The water level reached after the simulations carried out under stationary and non-stationary conditions indicates that modeling under non-stationary scenario better represents the current hydrological conditions of the Gordo creek watershed, where rainfall events of low magnitude are generating floods every year during the rainy season (during which the soil is saturated most of the time) at the watershed’s outlet, when, in theory, they ought not to. This can be observed, for instance, in the results of the hydraulic simulation at K0+018.5 shown in Table 12 (P24h-max, peak flow, and water elevation) and Figure 13, where the bankfull level (9.94 m) is reached at a lower return period (floods occur more frequently) under non-stationary conditions (Tr < 2-year). Under stationary conditions, a 2-year return period flow, defined as the mean annual flow (or annual maximum daily flow) [28,29], did not result in a bankfull section, which is not what is currently occurring in the study area (floods every year). The change in the rainfall pattern evidenced in previous sections may be the reason for a shift towards more recurrent and higher-than-usual events that cause floods more frequently than in the past. Likewise, statistically speaking, the ACI results obtained in Section 3.2 (747.5103 for non-stationary and 753.3721 for stationary) demonstrated that the non-stationary condition is more adequate. The AIC test serves to evaluate how good a model is for predicting future values [30]. The lower the value of the AIC the better the model.
In terms of the flood depth (elevation above bankfull level) at the area of the watershed outlet, Table 13 and Figure 14 show the water depth above the bankfull level for different return periods. This sensitivity analysis reveals the necessity for sizing hydraulic structures under non-stationary conditions to avoid more recurring floods. Notwithstanding that the 1-D hydraulic simulation is incapable of delineating the extension of the flooded area beyond the creek’s bank, the difference between NSC and SC elevations in Table 13 is an indication of what locals and workers of the industrial area have been noticing every year: floods in this area have been gradually worsening in terms of both frequency of occurrence and area covered by water (as well as the water depth marks left at some points that local people use as reference points). Further research is needed, though. Future work in this area must include a more detailed survey (topographic study) covering more area, so as to assess and more accurately quantify (numerically and spatially) the aforementioned anecdotal evidence.
An option for making decisions when designing some hydraulic structures would be to perform a benefit-cost analysis to compare a design under non-stationary conditions versus under stationary condition, taking into account free board heights, allowing handling of the non-stationary peak flow depending on the design return period.
In addition to the already quantified effects of climate change on Cartagena’s P24h-max pattern and the Gordo creek watershed’s hydrological response, the fact that almost 85% of the watershed is still rural indicates that any increase in the impervious area will both raise the peak flow and reduce the time of concentration.

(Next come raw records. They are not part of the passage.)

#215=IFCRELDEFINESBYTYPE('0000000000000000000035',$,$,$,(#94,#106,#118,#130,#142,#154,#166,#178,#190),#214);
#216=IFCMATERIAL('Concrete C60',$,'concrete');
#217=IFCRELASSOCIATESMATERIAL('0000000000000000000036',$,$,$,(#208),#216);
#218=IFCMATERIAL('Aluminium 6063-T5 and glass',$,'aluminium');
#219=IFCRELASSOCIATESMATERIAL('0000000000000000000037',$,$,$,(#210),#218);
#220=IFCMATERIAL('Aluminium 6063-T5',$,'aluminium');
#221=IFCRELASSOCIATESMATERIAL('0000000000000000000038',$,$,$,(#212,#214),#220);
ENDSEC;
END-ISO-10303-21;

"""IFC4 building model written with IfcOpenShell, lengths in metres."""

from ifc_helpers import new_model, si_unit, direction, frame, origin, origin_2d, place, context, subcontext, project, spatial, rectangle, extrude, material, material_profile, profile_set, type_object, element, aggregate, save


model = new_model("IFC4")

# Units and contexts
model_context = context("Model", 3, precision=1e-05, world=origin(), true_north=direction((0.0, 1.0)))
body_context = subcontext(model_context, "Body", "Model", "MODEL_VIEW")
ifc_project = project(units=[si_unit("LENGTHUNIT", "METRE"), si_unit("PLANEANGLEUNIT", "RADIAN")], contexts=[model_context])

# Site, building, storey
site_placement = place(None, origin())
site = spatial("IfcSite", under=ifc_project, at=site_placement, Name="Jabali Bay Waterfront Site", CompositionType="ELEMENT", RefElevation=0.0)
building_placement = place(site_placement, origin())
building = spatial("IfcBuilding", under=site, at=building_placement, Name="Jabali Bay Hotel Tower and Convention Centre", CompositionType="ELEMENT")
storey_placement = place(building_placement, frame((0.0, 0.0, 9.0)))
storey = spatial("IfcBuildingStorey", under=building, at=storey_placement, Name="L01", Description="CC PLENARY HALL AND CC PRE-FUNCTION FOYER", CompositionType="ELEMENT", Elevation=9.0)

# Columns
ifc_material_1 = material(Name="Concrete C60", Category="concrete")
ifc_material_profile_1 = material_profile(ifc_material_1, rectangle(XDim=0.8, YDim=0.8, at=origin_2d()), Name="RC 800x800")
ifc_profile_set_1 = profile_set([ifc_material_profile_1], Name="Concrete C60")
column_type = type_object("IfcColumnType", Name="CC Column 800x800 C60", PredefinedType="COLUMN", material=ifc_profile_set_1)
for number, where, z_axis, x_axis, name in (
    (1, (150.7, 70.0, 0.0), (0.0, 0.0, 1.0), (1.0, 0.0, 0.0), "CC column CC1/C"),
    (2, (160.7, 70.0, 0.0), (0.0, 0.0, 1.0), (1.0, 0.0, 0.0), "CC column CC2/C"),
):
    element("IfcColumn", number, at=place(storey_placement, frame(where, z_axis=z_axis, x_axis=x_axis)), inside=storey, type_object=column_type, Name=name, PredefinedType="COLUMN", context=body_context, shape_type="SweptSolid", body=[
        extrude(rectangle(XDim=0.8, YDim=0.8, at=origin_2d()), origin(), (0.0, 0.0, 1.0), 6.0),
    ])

These two variables will worsen the situation at the outlet of Gordo creek watershed unless a series of measures are implemented. For instance, the combination of sustainable urban drainage systems (SUDS) [31,32], stormwater storage vaults/tanks (both online and offline), aquifer storage and recovery (ASR) wells, infiltration ponds, among others, have proved to be effective at managing stormwater by: (a) keeping the peak flow at the same magnitude (or lower) when pre-development and post-development scenarios are compared, (b) avoiding the design of larger hydraulic structures, (c) minimizing the risk of floods, and (d) recharging aquifers, as a plus.

5. Conclusions

P24h-max values associated to a given return period are a key variable when estimating design DSR for hydraulic structures for stormwater management, especially in ungauged watersheds. The values obtained in the AIC test carried out in this study, indicated that a frequency analysis under non-stationary conditions represents best the behavior of the rainfall patterns of the P24h-max observations at the Rafael Núñez station. A stationary scenario is, in this case, further from the natural reality, when compared to non-stationary conditions. This was also confirmed by both the increase in the occurrence of P24h-max events greater than or equal to 148.1 mm (value for a 10-year return period under stationary conditions), and the increasing linear trend over time of the overall P24h-max observations. These findings may be an indication that the typical frequency analysis of rainfall under stationary conditions may no longer be applicable when calculating the design rainfall associated with a given return period for sizing hydraulic structures throughout Cartagena de Indias. Furthermore, designing under stationary conditions may have direct implications in the decisions local authorities will be taking in the coming years, given that millions of dollars will be invested in upgrading the city’s stormwater system. The 1-D hydraulic simulation performed herein revealed that the Gordo creek watershed outlet area can be flooded even with an event of 2-year return period (every year)—a situation that had never been observed in the past according to what local people have affirmed. The increase in the P24h-max, though, is not the sole factor to be taken into account when evaluating the reasons behind the more frequent floods reported. Uncontrolled and unplanned urbanization of vegetated areas may and will exacerbate the recurrent floods registered within the study area.
It is noteworthy to mention that sizing larger hydraulic structures for stormwater management as the only solution for the larger rainfall events estimated under non-stationary conditions might be unsuitable and unsustainable in cases where surface area limitations exist (especially in urban areas). Therefore, implementing best management practices for controlling stormwater sources in old and newly constructed areas shall be one of the city’s goals in maintaining the design peak flow values, especially under increasing non-stationary conditions.

Acknowledgments

The authors want to thank Germán Castaño for contributing with relevant and helpful technical information. Also, thanks to Orlando Viloria for helping to edit some of the blue-prints.

Author Contributions

Oscar E. Coronado-Hernández has carried out the hydrological and hydraulic simulations. Rainfall frequency analysis has been performed by Alvaro Gonzalez-Alvarez and Oscar E. Coronado-Hernández. Data and results analysis has been done by Alvaro Gonzalez-Alvarez. Helena M. Ramos and Vicente Fuertes-Miquel have helped writing and revising the paper.

Conflicts of Interest

The authors declare no conflict of interest. The funding sponsors had no role in the design of the study; in the collection, analyses and interpretation of data; in the writing of the manuscript; and in the decision to publish the results.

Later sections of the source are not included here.